あの子達も、あの二人も何も言わない、それで良いんだ!
話しかけないでくれ、これは私だけの復讐なんだ!これは、私がやらなければならないことで、これは私のするべき義務だ!ああそうだ、壊す、壊さなければ!早く!アイツラを!
まだ計画は完遂してはいない、早急に進めなければならない!
今日はムツに数学を教えた。
流石の覚え歌も基礎的な計算間違いには勝てないようで、ムツは頭を悩ませている。
こればかりは慣れるしか無い…いや、全てに言える事か。
私はすっかり、あんな計算に慣れてしまった。
…彼女がこの式を解く事がない事を祈った。
けれど私は…誰に祈ったのだろう?
神様なんていないのに。
そんな事を言えばムツを悲しませてしまうから言わないが…けれど、神様とやらに祈るムツにはどうしても…哀れだと、思ってしまう。
哀れなのは、私の方だというのに。
□月○日
多少勘付かれつつはあるが計画は順調、そろそろ…上も取り入ってくれる頃合いだろう。
最早アイツラに派閥としての組織力は残っちゃいない、密告するなら今だ。
…崩壊し全てを失うアイツラの顔が!最底辺へ堕ちるアイツラの姿を見るのが楽しみだ!
上機嫌になりながら今日もムツに勉強を教えた、ムツもテストでいい点を取れ、その上最近は聖歌隊の人数も増えてきたと言う。

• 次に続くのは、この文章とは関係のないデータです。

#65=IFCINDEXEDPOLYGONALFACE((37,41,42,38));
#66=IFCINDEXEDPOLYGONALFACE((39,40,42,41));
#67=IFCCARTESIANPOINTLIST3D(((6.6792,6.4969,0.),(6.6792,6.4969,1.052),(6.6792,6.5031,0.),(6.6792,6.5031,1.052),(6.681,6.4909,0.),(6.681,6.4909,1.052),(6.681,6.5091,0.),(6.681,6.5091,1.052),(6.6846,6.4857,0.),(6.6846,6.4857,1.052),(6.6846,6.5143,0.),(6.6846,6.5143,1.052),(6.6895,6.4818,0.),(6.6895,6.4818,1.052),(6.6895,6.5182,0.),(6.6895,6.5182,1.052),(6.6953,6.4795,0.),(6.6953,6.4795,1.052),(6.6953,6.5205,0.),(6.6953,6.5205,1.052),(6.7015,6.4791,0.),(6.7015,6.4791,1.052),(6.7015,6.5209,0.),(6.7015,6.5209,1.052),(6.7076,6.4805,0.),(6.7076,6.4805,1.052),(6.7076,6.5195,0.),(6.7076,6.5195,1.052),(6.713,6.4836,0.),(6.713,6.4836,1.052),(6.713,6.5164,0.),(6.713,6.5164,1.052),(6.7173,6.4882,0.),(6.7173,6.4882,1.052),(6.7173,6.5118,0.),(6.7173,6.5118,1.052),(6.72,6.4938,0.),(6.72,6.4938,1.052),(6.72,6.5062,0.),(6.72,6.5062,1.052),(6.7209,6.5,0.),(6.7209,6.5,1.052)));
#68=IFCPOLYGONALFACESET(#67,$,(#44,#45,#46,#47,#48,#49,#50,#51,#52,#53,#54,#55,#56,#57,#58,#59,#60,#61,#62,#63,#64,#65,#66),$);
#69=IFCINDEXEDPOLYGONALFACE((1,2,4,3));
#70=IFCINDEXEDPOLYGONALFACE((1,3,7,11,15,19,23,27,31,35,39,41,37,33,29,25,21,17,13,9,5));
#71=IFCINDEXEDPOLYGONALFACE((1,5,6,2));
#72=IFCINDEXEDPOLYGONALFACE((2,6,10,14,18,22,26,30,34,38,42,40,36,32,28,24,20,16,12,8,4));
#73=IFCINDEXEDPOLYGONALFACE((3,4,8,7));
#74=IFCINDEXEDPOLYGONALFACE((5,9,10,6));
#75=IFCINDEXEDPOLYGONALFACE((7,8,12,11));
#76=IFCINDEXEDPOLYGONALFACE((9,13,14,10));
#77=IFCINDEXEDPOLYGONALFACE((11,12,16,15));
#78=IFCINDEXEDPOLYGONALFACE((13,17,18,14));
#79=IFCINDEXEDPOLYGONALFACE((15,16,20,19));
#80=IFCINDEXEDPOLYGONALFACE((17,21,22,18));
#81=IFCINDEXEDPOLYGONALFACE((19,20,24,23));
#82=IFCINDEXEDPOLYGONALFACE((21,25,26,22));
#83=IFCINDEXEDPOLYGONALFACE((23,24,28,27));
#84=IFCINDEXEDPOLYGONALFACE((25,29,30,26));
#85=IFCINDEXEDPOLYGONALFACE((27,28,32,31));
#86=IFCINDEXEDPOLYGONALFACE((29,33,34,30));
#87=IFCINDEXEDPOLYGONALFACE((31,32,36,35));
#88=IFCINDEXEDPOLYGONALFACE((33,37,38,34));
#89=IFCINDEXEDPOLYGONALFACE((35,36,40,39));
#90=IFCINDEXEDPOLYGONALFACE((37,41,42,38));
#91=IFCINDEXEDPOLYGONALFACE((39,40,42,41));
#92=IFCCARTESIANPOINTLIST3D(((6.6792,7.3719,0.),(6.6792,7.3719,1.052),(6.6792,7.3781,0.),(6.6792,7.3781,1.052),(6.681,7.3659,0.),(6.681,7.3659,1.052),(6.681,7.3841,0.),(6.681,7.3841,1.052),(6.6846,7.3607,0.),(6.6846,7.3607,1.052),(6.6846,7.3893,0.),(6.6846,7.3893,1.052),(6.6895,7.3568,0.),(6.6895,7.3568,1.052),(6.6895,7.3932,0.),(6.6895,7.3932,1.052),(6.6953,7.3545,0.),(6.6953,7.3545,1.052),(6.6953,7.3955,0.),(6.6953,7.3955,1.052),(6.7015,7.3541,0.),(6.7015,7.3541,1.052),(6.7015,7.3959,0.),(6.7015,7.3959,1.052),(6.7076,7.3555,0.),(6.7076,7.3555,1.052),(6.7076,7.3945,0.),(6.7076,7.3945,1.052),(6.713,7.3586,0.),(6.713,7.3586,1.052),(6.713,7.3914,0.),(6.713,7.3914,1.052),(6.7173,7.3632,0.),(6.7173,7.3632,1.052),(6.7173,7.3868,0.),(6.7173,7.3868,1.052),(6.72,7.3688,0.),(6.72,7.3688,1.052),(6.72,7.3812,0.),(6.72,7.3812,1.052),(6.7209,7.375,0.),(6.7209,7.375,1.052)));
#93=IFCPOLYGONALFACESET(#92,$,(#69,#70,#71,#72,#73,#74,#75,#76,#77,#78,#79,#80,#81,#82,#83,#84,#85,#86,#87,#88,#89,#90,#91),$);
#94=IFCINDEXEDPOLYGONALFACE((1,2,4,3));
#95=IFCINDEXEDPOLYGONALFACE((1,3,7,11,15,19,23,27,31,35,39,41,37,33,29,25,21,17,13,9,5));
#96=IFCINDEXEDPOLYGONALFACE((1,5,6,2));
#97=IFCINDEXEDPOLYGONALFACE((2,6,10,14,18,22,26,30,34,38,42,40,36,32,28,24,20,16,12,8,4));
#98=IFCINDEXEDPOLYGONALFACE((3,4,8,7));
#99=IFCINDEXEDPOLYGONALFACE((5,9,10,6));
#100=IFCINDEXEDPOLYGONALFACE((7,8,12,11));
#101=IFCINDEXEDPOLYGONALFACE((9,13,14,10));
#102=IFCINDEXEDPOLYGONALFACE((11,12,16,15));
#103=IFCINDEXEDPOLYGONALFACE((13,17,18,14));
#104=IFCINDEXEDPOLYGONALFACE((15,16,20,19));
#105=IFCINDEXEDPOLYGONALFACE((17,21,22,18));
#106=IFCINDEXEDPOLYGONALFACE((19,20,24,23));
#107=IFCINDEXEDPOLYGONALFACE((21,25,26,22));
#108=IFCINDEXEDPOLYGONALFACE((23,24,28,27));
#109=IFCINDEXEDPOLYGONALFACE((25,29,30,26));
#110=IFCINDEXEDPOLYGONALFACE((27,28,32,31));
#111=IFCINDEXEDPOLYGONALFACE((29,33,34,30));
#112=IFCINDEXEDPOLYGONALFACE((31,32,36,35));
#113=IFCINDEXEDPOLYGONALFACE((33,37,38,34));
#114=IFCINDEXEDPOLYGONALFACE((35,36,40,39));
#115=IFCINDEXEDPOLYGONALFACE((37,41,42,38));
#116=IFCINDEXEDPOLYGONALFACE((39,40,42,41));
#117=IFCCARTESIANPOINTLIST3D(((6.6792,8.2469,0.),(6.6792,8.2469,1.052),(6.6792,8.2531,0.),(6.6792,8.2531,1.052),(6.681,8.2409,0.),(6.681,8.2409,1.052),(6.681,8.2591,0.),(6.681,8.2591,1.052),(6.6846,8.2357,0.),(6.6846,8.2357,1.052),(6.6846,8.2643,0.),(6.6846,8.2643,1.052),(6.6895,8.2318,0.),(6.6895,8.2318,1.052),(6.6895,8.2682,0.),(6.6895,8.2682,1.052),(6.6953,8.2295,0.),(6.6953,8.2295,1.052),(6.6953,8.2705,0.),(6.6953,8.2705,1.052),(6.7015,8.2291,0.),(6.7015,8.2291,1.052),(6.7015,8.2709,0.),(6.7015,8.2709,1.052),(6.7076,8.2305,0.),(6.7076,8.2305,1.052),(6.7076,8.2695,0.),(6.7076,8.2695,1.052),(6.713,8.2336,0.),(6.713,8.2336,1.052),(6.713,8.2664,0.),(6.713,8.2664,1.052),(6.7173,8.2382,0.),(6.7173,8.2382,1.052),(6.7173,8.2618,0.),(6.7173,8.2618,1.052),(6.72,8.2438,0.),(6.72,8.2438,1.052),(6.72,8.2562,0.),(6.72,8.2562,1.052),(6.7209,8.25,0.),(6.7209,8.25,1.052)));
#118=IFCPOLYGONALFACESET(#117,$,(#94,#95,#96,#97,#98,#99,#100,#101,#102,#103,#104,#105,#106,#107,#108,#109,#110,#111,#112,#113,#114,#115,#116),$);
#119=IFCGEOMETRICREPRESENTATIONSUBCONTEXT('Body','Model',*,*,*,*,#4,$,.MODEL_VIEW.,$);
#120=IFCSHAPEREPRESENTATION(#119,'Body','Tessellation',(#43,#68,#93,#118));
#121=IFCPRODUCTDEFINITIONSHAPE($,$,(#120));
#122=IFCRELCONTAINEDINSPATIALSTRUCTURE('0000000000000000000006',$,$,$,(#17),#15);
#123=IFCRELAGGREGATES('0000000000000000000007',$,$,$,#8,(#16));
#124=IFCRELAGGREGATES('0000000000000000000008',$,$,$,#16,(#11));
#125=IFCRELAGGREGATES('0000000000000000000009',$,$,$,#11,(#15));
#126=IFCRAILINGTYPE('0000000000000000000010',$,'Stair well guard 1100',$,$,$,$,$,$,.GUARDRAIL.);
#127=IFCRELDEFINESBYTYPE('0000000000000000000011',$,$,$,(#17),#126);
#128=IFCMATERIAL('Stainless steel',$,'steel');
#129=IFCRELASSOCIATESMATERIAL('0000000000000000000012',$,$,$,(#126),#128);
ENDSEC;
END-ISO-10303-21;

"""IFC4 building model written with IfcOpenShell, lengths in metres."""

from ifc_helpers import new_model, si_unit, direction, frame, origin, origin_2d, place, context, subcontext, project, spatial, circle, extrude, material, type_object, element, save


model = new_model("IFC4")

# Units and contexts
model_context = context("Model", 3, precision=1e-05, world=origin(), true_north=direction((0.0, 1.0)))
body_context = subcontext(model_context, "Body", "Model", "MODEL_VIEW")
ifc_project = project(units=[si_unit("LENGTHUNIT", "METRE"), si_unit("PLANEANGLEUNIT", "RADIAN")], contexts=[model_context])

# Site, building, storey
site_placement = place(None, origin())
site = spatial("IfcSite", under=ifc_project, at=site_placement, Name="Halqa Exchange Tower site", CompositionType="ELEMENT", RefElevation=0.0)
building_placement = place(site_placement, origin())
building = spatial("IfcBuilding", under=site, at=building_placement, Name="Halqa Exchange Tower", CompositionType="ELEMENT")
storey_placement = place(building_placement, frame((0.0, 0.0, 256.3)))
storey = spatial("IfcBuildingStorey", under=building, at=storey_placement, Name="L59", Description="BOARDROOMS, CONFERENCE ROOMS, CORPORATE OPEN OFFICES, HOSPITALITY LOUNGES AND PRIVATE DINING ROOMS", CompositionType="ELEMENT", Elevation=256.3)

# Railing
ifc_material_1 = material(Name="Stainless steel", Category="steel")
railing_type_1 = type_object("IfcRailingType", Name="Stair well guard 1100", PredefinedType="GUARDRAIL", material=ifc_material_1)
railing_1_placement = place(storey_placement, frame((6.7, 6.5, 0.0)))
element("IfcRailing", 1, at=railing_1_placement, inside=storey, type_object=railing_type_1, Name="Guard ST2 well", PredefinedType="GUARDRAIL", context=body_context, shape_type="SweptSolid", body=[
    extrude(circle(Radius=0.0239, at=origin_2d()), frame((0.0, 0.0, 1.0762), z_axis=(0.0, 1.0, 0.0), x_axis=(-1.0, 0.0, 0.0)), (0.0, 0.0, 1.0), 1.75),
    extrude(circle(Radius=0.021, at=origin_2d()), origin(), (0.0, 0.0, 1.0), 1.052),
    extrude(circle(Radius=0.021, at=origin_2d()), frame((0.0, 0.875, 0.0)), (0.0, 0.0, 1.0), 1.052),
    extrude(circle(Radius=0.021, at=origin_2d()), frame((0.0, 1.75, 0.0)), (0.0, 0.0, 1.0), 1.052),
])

明日練習風景を見に来ないかと誘われた…入りはしないと決めたが、見るくらいなら良いだろう。今更止めようにも止められない状況であるし、それに。
最後の思い出として、これ以上良いものは無いだろうから。
□月△日
なんでだよ。どうしてお前がそこにいるんだよ。どうしてお前がそこに、どうして、幸せに笑ってるんだよ。
復讐したはずなのに、追いやった筈なのに。なんで、なんて、思ってもアッチはこっちを覚えちゃいない。
ただ幸せに…聖歌隊で、歌っていた。
そして私が追いやった原因とも知らず挨拶をしてきた。
…無表情を保つのに苦労した、ムツの前であんな顔はしてはいけない。
アイツはどうやら、ムツに拾われたらしい。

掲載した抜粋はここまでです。